T****r is not all that great...IMO...cant suggest them for nuttin.


----------



## smokerjim (Apr 13, 2021)

i have a pitboss 1000 i'm pretty happy with but i will say i get better smoked meats from my mes 30.  i do use a smoke tube in the pellet grill/smoker to get extra smoke on my food because with pellet grills in my opinion you don't get a whole lot of smoke flavor especially running at higher temps.


----------



## 6GRILLZNTN (Apr 13, 2021)

Another vote for Rec Tec.


----------



## DougE (Apr 13, 2021)

I'm also getting ready to buy a pellet grill and have pretty much decided to go with Camp Chef. I like the idea of being able to add the optional sidekick, and the gen 2 controller seems to be more adjustable as far as temp/smoke level than a lot of the others.


----------



## chesterinflorida (Apr 13, 2021)

What you list,  the Recteq is best.  Grilla Grilla is about on par with them and a little less expensive.  These along with camp chef are pretty decent.  Green Mountain is also pretty good.

Once past that you will get to American made higher quality smokers.  Smokin Brothers makes some nice not super high priced model.  Above these you will find the Yoder’s, Pitts and Spitts, Mak, Lonestar Grilla and a few other.

Lots to choose from.


----------



## Yopasjim (Apr 13, 2021)

I suggest GREEN MOUNTAIN GRILL.  I had a Daniel Boone... not a lick of problems for 2 years!  I upgraded to a Jim Bowie Prime Plus with WiFi!  Incredible smoker!  Love it!  Easy to cook with and looks great on the patio!


----------



## boxkiller (Apr 13, 2021)

Another vote for RecTec. I have the Rt-700 and can't say enough good things about it.


----------



## Winterrider (Apr 13, 2021)

What is your Masterbuilt  and what are its issues? They can be brought back to life at a reasonable price if your talking the electric MES 30 or 40.


----------



## mike243 (Apr 13, 2021)

He didnt say he had problems with it, he stated his grill was falling apart, love my PB for 3 years now


----------



## jgagner (Apr 13, 2021)

Winterrider said:


> What is your Masterbuilt  and what are its issues? They can be brought back to life at a reasonable price if your talking the electric MES 30 or 40.

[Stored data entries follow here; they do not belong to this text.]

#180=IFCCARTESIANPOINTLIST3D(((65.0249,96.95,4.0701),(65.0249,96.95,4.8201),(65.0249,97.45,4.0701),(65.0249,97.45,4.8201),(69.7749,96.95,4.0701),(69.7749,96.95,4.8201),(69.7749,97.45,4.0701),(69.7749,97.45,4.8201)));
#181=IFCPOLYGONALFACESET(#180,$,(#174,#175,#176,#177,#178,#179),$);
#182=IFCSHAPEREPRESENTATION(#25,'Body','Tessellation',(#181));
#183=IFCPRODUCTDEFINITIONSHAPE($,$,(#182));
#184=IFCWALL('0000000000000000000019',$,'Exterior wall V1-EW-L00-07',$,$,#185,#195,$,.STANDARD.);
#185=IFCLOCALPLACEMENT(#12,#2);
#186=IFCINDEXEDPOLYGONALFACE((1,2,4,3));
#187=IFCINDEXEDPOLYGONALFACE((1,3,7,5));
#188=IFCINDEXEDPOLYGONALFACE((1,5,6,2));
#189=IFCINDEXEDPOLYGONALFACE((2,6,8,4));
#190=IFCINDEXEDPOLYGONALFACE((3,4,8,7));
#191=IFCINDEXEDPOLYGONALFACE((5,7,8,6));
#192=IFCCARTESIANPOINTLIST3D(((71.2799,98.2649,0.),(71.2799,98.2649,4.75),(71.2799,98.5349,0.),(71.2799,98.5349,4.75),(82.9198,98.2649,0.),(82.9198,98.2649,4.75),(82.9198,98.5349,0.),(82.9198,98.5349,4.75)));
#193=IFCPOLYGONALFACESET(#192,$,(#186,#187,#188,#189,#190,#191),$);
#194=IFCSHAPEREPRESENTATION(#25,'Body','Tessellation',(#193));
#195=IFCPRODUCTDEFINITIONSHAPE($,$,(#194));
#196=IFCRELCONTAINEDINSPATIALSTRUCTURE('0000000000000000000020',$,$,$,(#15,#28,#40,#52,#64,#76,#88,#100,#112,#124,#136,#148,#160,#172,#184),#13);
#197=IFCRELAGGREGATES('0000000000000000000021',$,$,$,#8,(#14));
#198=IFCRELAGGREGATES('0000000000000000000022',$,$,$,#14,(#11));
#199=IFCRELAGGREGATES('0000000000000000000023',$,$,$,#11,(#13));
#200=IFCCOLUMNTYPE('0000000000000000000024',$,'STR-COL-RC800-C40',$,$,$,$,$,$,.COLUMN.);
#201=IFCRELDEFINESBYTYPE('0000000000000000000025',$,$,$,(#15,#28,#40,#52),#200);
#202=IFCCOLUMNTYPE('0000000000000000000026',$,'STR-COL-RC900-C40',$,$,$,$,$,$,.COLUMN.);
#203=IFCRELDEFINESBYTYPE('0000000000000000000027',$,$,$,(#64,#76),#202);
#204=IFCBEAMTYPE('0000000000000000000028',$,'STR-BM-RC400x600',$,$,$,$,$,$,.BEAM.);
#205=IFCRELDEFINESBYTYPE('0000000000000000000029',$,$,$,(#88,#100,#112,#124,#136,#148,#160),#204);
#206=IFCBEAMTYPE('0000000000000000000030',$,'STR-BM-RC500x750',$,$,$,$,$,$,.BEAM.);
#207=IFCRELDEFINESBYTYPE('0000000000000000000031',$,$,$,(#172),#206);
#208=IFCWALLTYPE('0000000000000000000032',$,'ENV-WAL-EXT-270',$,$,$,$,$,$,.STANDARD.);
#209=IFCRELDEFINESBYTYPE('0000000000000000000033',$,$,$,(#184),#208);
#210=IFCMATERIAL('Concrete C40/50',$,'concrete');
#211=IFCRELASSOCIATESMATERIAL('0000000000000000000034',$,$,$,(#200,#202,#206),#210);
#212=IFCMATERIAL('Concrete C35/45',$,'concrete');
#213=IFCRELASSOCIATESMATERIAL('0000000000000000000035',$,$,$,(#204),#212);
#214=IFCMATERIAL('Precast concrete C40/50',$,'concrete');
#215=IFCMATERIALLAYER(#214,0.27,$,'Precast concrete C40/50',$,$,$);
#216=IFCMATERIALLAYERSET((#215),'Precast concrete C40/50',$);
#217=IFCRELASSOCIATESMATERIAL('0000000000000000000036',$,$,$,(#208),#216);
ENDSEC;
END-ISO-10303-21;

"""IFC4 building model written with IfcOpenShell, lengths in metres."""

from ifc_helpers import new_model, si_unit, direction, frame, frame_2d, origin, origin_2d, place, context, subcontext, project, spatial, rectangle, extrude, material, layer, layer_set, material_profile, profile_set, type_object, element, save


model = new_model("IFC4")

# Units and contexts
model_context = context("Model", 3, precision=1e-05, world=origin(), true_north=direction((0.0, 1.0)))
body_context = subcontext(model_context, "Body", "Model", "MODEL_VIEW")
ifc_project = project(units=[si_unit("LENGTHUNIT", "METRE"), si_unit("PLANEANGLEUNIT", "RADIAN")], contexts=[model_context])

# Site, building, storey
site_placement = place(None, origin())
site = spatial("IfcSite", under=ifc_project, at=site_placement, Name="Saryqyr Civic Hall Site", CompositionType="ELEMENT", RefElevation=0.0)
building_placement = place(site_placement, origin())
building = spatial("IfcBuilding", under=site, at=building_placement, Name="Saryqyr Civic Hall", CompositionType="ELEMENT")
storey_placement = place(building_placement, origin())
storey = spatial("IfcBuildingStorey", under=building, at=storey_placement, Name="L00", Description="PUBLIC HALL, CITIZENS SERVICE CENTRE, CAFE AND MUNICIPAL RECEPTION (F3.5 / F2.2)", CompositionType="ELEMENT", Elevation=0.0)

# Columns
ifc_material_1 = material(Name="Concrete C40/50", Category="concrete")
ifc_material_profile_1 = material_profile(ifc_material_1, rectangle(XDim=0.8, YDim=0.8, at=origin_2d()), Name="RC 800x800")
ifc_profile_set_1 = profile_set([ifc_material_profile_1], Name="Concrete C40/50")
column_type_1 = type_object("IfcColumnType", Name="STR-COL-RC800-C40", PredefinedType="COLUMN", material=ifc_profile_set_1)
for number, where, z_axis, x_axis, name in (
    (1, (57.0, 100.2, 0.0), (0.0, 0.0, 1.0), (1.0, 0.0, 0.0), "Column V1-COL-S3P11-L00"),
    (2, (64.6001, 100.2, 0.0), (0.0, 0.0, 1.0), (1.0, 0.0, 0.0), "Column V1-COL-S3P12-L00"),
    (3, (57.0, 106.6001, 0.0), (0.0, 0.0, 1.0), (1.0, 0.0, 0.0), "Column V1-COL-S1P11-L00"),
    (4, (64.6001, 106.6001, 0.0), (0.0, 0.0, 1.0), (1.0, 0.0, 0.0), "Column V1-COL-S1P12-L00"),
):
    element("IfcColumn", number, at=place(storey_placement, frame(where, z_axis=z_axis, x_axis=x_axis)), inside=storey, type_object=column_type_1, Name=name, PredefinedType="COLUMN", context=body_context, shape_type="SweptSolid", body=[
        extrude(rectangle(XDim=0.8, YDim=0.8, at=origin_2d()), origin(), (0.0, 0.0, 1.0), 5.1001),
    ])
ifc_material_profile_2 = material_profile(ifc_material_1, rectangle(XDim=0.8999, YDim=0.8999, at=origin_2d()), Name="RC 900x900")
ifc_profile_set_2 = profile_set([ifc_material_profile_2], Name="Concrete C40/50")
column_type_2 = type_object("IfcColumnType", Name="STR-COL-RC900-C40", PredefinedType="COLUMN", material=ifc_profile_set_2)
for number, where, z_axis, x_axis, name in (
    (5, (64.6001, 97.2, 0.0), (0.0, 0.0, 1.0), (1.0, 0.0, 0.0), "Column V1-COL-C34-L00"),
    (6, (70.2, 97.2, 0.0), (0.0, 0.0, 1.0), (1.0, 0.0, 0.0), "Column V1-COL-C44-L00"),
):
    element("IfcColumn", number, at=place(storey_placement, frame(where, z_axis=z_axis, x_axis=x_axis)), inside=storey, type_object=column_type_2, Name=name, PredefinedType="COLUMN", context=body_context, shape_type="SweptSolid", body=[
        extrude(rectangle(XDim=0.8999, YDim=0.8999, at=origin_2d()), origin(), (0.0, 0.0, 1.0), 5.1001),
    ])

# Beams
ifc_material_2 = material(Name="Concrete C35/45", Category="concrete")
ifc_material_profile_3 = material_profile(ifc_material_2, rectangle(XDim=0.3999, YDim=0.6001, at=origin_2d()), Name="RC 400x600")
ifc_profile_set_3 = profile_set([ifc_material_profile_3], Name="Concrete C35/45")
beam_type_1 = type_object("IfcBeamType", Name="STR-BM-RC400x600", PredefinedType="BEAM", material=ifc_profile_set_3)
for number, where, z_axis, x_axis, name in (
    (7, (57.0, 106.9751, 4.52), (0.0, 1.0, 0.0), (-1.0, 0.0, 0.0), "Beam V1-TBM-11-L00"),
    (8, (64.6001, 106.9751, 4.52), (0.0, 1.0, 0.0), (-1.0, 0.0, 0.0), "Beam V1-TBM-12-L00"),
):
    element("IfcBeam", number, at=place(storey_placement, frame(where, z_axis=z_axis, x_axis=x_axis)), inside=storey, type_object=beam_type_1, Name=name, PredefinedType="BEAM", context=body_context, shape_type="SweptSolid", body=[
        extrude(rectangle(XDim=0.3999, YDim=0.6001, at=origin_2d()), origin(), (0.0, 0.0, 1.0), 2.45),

I have no issue with my Masterbuilt. Just looking to upgrade because my grill is falling apart.


----------



## civilsmoker (Apr 13, 2021)

Out of the 3 grills you mentioned, I'm going to just share 3 pics.....1 each from the list above to add some perspective.....

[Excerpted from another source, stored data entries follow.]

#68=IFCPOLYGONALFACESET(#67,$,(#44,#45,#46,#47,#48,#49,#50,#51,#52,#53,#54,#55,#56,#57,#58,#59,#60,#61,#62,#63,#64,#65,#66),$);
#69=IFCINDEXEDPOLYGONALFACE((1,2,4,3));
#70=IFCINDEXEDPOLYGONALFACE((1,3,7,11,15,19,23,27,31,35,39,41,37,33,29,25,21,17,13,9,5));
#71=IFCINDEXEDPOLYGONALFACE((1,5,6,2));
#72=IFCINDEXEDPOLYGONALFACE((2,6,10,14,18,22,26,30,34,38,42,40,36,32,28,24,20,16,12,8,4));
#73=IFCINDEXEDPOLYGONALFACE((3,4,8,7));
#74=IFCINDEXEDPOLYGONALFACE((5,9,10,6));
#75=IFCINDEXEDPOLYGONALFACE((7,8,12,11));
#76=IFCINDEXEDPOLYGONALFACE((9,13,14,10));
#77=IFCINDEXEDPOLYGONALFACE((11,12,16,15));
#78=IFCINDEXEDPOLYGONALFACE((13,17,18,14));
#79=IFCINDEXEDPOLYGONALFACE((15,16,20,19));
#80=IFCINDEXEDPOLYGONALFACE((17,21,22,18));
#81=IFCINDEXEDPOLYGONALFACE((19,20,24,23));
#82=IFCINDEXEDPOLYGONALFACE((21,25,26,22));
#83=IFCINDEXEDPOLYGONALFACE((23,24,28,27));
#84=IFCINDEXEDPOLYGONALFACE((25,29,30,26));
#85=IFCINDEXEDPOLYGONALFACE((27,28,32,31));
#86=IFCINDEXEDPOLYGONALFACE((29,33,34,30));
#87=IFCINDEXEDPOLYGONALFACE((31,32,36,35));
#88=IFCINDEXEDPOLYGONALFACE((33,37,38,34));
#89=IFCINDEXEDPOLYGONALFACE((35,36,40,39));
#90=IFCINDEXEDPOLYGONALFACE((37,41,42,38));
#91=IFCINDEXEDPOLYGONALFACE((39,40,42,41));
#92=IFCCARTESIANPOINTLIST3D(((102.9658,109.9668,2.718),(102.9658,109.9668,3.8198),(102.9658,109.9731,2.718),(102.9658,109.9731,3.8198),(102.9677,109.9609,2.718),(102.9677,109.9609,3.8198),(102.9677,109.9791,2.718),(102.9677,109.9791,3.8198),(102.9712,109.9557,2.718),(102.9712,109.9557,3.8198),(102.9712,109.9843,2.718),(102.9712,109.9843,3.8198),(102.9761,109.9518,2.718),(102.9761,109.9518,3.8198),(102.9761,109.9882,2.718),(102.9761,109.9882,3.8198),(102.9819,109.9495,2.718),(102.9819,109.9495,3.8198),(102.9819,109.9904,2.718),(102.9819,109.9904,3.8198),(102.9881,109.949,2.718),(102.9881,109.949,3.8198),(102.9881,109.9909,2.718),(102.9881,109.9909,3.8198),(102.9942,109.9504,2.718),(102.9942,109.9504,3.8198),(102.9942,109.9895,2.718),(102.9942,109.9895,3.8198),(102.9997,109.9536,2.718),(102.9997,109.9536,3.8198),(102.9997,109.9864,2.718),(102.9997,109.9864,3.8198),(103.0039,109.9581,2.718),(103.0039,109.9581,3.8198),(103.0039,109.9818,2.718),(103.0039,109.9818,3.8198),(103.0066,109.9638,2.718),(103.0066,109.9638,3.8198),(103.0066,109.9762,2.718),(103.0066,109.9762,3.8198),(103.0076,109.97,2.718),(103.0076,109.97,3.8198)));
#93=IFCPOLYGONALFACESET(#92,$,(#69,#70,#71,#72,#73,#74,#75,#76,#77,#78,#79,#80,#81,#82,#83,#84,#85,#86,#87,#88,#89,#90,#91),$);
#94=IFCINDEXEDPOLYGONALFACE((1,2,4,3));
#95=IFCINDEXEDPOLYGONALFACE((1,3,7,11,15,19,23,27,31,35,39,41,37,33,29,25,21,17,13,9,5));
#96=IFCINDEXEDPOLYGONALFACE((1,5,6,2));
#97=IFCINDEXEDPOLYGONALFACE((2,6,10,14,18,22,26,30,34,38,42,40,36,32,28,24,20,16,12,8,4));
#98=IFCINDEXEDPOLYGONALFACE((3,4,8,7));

First one....Traeger....If you have ever really used a pellet grill you will know that what is shown below isn't reality 







Second one....ZGrill...Just study this picture (I'M NOT GOING TO COMMENT)....This is NOT in anyway reality not to mention just wrong!!!!!!






Third Pit Boss.....Ok this is reality.....keeping your burner pot clean is a bit of a PIA.....so props to PB.........

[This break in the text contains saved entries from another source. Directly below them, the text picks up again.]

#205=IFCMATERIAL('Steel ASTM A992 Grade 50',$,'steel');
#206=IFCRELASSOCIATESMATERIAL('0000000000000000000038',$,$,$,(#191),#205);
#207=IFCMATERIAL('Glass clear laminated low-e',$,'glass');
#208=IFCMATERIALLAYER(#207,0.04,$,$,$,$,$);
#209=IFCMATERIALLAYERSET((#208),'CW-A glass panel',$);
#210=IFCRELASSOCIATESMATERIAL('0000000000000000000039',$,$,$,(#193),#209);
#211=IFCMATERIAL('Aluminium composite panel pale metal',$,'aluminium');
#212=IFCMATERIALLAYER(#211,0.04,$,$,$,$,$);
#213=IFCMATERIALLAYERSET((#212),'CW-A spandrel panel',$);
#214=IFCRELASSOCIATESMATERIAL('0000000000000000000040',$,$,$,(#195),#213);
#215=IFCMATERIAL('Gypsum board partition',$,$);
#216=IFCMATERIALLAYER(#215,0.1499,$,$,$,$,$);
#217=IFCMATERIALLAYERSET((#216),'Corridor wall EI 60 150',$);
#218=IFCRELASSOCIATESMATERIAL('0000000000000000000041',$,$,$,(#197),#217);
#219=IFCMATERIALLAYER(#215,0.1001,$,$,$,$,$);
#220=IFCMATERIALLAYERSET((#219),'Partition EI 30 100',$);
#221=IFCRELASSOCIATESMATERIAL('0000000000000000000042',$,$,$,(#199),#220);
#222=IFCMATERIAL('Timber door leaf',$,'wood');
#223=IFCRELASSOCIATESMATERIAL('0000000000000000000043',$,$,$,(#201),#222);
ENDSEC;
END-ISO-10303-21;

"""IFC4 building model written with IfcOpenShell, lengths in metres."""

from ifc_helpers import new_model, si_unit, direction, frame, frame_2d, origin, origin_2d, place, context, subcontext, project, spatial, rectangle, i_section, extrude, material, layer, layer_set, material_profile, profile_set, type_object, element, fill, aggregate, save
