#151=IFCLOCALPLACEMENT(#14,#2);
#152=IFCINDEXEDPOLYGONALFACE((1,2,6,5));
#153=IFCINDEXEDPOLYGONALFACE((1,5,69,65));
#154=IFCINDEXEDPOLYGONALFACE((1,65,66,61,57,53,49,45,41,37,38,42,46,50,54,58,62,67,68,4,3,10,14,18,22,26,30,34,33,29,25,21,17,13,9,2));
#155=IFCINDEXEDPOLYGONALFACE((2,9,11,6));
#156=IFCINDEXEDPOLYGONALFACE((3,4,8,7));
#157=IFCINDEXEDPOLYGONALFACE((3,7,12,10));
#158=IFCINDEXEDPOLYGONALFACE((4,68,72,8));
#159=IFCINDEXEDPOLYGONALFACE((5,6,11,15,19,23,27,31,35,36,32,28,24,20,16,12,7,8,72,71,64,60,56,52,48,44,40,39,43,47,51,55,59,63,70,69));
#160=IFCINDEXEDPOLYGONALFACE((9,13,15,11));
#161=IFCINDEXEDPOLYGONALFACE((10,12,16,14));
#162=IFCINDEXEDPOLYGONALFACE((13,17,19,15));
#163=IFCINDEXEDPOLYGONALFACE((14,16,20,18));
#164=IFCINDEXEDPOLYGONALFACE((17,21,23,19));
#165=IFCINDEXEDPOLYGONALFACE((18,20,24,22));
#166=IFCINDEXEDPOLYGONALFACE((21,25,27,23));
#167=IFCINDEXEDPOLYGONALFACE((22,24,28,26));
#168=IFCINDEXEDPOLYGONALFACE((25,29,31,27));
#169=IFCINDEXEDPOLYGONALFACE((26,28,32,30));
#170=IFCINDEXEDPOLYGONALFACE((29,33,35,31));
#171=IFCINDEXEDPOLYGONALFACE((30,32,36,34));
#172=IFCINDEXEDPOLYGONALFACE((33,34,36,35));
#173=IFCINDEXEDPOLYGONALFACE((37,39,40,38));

So just a few more pics to consider.....

I do have a baby Green Mountain Grill and have many friends that have them........Reality 






RecTec...WiFi control.......Reality






Camp Chef........standing around at a distance enjoying a drink waiting for the cook, (Camp Chef also had a burner pot clean out so props)....Reality






So after sharing just a bit of marketing you can choose for your self on who you would trust.......


----------



## kruizer (Apr 13, 2021)

Another vote for the Camp Chef.


----------



## GrtQtrGrillMan (Apr 13, 2021)

No votes for Traeger?  Just curious.  I was looking at the camp chef and the traeger silverton 620.  Went with the 620, price and the brand name.  I found their wifi to be horrible but then also found the same complaints with the wifi on the Camp Chef...I wonder if they use the same technology under the hood.  The issue, at least for now is on the initial setup.  I could not get the traeger wifi to connect to my home network until I dragged it into the house close enough to the router.  That was suggested by a traeger tech...look closely at the wifi if that is important to anyone,,,check the forums for issues...


----------



## Grillgoon (Apr 13, 2021)

I recommend the RT-700 as well. I love mine. Whatever you do stay away from Z Grill.


----------



## Apparition (Apr 21, 2021)

Other - MAK


----------